When he finished, and Rosa Lee stood there taking it in, in my head, I imagined her replying with something like, “Well, Mac, you don’t have to trust happiness, you just have to trust me”, or “yourself”, or some similarly corny platitude.  Instead, in what must have been superhuman restraint on the part of the screenwriter, Rosa Lee simply stands there, processes what she just heard…and walks offscreen, leaving Mac alone with his thoughts.

That was a big moment for me.  It seemed to me to be a gesture from the filmmakers that this is not a movie about processed dialogue and ancient story arcs and the kind of emotional beats you might expect from a film.  Instead, it felt like I was looking at real people, reacting realistically to real dialogue.  Rosa Lee could have drawn the scene out, but instead she seems to realize there is nothing she can say that will make things better for Mac.  She loves him, but she knows this is something he’ll need to work out for himself, and no amount of sermonizing will help him towards that goal.  It’s a small moment, and it doesn’t occur until late in the film, but it’s this moment that convinced me Tender Mercies had a lot to say in between the pauses and transitional shots of country roads and straight horizons.

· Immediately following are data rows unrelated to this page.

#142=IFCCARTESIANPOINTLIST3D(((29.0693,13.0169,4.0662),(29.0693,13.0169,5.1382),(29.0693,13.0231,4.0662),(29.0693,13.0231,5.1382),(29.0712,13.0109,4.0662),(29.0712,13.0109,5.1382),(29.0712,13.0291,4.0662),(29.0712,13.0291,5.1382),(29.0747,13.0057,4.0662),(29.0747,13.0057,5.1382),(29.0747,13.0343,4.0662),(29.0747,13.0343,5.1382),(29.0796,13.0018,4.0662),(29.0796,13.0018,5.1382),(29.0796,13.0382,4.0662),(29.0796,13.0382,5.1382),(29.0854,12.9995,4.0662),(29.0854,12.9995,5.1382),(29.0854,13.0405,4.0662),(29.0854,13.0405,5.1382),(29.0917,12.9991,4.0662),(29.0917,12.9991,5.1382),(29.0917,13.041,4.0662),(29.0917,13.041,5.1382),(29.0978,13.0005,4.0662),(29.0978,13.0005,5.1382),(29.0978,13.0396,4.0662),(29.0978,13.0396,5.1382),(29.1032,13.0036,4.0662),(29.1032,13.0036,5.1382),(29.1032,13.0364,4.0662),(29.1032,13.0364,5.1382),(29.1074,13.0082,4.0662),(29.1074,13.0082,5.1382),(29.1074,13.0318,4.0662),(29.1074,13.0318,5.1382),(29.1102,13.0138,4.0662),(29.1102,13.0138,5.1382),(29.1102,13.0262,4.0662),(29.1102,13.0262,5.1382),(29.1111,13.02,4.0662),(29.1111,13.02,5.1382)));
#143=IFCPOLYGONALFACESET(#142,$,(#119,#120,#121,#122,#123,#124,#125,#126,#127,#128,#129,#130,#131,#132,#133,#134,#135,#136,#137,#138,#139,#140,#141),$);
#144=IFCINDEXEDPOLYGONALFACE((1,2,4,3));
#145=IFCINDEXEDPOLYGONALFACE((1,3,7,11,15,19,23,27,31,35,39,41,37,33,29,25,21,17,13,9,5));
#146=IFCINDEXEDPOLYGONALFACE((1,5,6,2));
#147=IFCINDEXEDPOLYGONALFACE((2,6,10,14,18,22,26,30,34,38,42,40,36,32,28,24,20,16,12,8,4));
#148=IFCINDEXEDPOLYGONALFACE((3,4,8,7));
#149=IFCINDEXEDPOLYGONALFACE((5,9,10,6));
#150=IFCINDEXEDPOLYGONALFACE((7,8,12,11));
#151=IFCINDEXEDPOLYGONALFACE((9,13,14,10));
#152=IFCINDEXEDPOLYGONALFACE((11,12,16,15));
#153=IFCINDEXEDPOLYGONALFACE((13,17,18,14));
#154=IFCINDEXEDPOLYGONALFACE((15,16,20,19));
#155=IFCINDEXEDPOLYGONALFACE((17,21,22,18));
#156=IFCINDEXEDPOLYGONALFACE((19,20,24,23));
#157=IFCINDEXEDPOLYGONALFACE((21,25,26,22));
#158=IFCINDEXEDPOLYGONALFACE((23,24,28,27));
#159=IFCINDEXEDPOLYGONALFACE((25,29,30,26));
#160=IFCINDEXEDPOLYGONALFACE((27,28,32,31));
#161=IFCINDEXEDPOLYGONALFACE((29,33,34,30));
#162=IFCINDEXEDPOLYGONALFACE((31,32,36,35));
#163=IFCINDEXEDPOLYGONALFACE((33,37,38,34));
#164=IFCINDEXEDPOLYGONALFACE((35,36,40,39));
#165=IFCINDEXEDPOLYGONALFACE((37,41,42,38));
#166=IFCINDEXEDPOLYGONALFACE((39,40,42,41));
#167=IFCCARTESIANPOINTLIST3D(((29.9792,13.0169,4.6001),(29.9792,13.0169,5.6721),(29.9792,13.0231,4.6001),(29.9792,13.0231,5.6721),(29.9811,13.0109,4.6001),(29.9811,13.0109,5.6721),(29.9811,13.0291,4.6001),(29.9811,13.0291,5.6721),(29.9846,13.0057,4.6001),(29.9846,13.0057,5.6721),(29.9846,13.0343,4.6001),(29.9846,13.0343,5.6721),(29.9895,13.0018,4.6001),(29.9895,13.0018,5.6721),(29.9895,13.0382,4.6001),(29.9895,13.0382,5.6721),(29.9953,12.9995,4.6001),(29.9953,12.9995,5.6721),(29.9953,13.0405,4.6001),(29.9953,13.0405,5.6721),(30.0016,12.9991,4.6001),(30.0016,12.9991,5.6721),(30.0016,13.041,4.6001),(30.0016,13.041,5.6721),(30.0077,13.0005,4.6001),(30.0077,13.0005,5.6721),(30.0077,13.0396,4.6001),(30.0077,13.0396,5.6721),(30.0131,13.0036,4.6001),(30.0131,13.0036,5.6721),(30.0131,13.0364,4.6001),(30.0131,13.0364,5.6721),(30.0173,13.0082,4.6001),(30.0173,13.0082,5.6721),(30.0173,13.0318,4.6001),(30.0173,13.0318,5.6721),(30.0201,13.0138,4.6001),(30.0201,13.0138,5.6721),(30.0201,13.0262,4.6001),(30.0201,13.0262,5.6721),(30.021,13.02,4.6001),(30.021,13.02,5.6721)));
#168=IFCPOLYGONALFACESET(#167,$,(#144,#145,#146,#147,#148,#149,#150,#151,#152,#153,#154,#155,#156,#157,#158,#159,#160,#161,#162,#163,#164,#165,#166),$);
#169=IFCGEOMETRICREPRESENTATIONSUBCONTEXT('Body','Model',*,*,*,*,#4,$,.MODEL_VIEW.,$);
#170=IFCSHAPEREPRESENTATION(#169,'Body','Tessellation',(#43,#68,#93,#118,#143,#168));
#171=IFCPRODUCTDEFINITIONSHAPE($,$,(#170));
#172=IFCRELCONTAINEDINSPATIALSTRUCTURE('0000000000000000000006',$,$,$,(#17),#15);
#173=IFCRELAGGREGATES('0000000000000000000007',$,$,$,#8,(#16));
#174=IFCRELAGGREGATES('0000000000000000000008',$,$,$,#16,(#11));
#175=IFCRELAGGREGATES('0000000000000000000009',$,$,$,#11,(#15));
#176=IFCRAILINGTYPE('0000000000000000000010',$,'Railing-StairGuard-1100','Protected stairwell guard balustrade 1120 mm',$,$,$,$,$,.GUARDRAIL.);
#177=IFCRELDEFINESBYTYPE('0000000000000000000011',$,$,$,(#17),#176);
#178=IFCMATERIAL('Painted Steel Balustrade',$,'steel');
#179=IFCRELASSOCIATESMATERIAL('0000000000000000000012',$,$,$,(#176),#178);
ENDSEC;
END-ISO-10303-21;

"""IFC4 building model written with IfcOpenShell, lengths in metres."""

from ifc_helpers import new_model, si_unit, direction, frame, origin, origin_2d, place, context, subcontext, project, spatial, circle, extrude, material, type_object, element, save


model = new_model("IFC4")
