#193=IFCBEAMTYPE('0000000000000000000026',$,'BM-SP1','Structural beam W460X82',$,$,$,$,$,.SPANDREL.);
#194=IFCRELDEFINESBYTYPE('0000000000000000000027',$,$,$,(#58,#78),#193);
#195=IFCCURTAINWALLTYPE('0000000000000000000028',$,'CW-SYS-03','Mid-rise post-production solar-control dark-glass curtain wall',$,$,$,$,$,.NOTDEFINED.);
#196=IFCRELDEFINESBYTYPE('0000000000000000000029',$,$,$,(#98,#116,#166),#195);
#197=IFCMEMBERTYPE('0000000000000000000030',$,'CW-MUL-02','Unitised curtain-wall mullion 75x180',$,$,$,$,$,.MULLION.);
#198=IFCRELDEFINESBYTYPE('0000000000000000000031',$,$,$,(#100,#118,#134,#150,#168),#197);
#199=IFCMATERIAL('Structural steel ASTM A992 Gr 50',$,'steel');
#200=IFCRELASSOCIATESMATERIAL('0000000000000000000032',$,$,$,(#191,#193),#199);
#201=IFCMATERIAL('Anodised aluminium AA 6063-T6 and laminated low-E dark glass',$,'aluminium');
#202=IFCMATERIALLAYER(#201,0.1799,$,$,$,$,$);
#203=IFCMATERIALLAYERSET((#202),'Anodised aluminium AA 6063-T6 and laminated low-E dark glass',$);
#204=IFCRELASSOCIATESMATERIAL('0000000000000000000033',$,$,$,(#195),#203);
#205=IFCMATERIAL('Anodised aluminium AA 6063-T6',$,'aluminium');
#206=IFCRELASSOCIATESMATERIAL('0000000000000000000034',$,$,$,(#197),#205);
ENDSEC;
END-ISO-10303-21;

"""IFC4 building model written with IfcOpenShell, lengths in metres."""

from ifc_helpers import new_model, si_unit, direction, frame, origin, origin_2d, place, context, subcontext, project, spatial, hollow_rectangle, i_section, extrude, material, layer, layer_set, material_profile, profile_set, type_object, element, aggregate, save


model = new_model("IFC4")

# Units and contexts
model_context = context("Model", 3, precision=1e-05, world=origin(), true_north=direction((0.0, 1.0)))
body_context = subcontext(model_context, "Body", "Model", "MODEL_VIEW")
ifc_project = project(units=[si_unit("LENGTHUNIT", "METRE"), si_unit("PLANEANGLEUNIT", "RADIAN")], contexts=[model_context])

There is a lot more to the story, but the film presents very little of it with the kind of forward momentum we’ve come to expect as moviegoers.  Instead, we are treated to new developments almost as if we are intruding on these people and their lives.  Even in a scene at a crowded Opry house where we see Mac’s previous wife, Dixie (Betty Buckley!), belting some good old-fashioned, Parton-esque country tunes, the shot choices and editing still feel almost like we’re voyeurs as we watch Mac listening to one of Dixie’s ballads, then leaving, not quite in disgust, but clearly uncomfortable.  It’s in the aftermath of this concert we get the first solid information on his estranged daughter (Barkin), who would be about 18 years old by now.  Dixie screams at Mac, “She doesn’t remember you!  All she remembers is a mean drunk!”  This scene was so well-realized that I started having flashbacks to some of the fights my own parents got into before their divorce.

I don’t mean to suggest the movie does not have an arc.  It absolutely does.  But Tender Mercies does such a good job of “burying the lead” that I didn’t fully get what the movie wanted to say until the very last scenes featuring two characters tossing a football back and forth.  Mac’s life seems to be back on track.  His music career seems about to be resurrected.  Mac might still have trust issues when it comes to happiness.  Perhaps all we can do is appreciate the small moments of happiness we have while we can.  If sadness or tragedy comes, let it come.  It will hurt for a time, but it will also make those small moments all the more precious.

If that sounds clichéd, well, maybe it is.  Tender Mercies does a much better job of delivering that message than I could ever do, proving once again: a movie is not about what it’s about, it’s HOW it’s about it.


QUESTION FROM EVERYONE’S A CRITIC

Unless you read the script, you can only judge a screenplay by the movie. Based on the movie, do you feel this script deserved the award for Best Screenplay? Explain.
Great question!  For the record, the other nominees that year were the screenplays for The Big Chill, Fanny and Alexander, Silkwood, and WarGames (that last one kinda surprised me).  I am a little surprised Tender Mercies edged out The Big Chill, a movie with far more prominence than this little Texas character study from an Australian director, but I would say Tender Mercies certainly deserved the award based on the movie by itself.  Much like Lost in Translation [2003], the screenplay relies more on silences and context to deliver its message rather than on showy dialogue or melodramatic plot developments (to be fair, there is one sort-of melodramatic plot twist in Tender Mercies, but it’s handled so well it doesn’t play that way).  Sure, Tarantino and Sorkin might deliver high-quality screenplays that are flashier and certainly wordier, but to craft such a high-quality film in such a minimalist style is admirable and deserves recognition.